The Purity-for-Profit GOP Leading a Reign of Error

 

Marie Antoinette's execution in 1793 at the Place de la Révolution.The French Revolution began with disaffected aristocrats wanting to reform their stodgy, inflexible political system. If only King Louis XVI would accept a more liberal Constitutional Monarchy, France could enter into a bright new future.

Once the revolution was underway, a group of the bourgeoisie decided these modest goals weren’t progressive enough, so they formed the Jacobin Club to steer the reforms further to the Left.

When the king was deposed, a group of Jacobins decided the club itself wasn’t progressive enough. They brought in the lower classes and formed the Montagnards to steer the movement even further to the Left.

The ascendant left empowered Maximilien Robespierre to launch the Reign of Terror, but a group of Montagnards decided he still wasn’t progressive enough. They formed the Hébertists to steer the nation further to the Left still.

In American politics, a similar dynamic is taking place, this time from the supposed right:

Rep. Mark Meadows (R-N.C.) has been able to count on his Facebook page for stalwart support during his long-running battle with the House Republican leadership, including a successful effort to oust House Speaker John A. Boehner (R-Ohio).

“Keep up the great work,” read a comment posted last week. “We the people thank you for ridding us of John Boehner!”

But in recent days, the tone of the comments on Meadows’s page, and those of the other members of the hard-right House Freedom Caucus, have changed significantly.

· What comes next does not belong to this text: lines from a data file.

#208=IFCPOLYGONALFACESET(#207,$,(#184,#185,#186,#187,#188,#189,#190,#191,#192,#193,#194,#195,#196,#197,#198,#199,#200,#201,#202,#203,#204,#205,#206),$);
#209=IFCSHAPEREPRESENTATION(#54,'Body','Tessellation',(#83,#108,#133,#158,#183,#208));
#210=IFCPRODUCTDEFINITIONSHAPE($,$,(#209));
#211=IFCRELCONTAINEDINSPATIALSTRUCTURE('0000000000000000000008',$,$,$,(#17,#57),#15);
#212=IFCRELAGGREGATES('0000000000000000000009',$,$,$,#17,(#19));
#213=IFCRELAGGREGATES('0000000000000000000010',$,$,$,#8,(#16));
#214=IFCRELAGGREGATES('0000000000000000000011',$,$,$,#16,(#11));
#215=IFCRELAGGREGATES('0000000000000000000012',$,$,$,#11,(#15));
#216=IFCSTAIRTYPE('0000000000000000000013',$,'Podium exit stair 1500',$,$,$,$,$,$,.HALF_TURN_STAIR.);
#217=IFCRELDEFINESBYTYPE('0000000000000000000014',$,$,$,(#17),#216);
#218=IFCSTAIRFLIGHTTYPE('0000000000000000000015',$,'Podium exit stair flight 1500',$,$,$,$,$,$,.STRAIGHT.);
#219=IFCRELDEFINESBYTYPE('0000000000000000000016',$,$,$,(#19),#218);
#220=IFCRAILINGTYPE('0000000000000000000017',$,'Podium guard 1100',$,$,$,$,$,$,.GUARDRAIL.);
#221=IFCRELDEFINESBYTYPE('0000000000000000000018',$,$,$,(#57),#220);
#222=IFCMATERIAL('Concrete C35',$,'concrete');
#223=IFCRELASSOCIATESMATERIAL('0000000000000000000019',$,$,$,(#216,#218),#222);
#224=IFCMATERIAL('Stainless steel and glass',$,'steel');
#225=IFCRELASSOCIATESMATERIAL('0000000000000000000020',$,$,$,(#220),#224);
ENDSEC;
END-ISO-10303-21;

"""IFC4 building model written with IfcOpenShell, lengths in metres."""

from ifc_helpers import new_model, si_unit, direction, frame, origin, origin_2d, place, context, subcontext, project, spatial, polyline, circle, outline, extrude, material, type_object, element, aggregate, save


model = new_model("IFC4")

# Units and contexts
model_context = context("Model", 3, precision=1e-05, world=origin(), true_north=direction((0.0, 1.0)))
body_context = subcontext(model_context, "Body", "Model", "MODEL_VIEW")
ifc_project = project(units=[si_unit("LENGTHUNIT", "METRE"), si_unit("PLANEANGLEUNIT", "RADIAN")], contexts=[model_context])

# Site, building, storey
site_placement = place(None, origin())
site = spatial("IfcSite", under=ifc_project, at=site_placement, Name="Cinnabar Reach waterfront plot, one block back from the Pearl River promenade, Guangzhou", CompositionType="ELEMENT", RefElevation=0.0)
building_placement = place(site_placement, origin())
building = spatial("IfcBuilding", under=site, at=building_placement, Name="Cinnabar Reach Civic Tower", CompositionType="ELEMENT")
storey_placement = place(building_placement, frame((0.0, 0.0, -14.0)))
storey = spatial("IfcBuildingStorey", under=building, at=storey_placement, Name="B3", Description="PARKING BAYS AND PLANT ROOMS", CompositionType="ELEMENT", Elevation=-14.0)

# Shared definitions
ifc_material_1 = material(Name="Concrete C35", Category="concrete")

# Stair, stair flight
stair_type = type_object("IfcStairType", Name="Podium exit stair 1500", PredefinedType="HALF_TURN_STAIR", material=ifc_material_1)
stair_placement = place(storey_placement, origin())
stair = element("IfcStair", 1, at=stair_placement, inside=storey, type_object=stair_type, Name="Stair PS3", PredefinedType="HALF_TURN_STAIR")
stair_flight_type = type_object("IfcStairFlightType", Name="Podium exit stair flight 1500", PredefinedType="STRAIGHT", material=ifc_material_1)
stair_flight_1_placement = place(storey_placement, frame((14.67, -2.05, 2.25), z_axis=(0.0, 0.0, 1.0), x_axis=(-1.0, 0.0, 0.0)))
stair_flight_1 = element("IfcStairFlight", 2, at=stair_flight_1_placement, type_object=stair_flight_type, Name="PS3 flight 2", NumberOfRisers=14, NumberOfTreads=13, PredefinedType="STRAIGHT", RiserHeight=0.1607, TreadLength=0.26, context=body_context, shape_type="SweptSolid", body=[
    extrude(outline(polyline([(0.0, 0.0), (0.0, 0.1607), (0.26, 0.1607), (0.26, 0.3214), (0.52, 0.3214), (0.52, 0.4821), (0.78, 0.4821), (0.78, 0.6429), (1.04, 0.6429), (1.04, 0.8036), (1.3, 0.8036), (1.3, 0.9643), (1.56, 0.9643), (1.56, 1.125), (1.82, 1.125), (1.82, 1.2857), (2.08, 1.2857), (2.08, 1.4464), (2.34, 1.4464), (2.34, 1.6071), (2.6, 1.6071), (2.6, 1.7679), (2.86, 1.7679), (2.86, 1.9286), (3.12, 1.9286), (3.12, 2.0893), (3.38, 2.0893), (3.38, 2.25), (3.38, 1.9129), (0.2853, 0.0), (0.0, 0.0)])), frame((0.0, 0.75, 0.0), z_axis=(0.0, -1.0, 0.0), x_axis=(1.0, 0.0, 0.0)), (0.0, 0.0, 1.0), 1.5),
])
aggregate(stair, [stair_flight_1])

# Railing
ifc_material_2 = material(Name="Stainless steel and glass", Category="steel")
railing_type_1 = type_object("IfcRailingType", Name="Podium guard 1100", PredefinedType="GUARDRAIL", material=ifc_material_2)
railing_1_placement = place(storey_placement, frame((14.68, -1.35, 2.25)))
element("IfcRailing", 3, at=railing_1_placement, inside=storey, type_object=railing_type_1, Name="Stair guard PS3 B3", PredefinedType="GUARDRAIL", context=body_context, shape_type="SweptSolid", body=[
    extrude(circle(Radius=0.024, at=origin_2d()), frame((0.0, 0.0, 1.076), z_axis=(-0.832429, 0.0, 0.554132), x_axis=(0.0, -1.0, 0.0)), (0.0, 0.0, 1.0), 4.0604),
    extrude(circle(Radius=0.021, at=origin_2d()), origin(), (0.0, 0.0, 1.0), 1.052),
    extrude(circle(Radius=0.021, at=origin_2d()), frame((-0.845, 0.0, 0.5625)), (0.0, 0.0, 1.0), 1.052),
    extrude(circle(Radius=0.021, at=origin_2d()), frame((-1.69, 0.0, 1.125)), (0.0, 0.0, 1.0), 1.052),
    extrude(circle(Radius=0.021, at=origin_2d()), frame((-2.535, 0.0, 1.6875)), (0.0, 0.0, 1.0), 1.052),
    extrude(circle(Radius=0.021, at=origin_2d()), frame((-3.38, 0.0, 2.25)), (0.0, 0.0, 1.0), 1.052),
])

“You truly should be ashamed,” one commenter wrote Thursday. “The people in the caucus will be held responsible come election day.”

“You should all be replaced,” a critic told Rep. Barry Loudermilk (R-Ga.). Another called Rep. Raúl R. Labrador (R-Idaho), one of the most persistent thorns in Boehner’s side, “a RINO establishment lap dog” and “another go-along to get along phony who will GLADLY step on the throats of the Conservative electorate.”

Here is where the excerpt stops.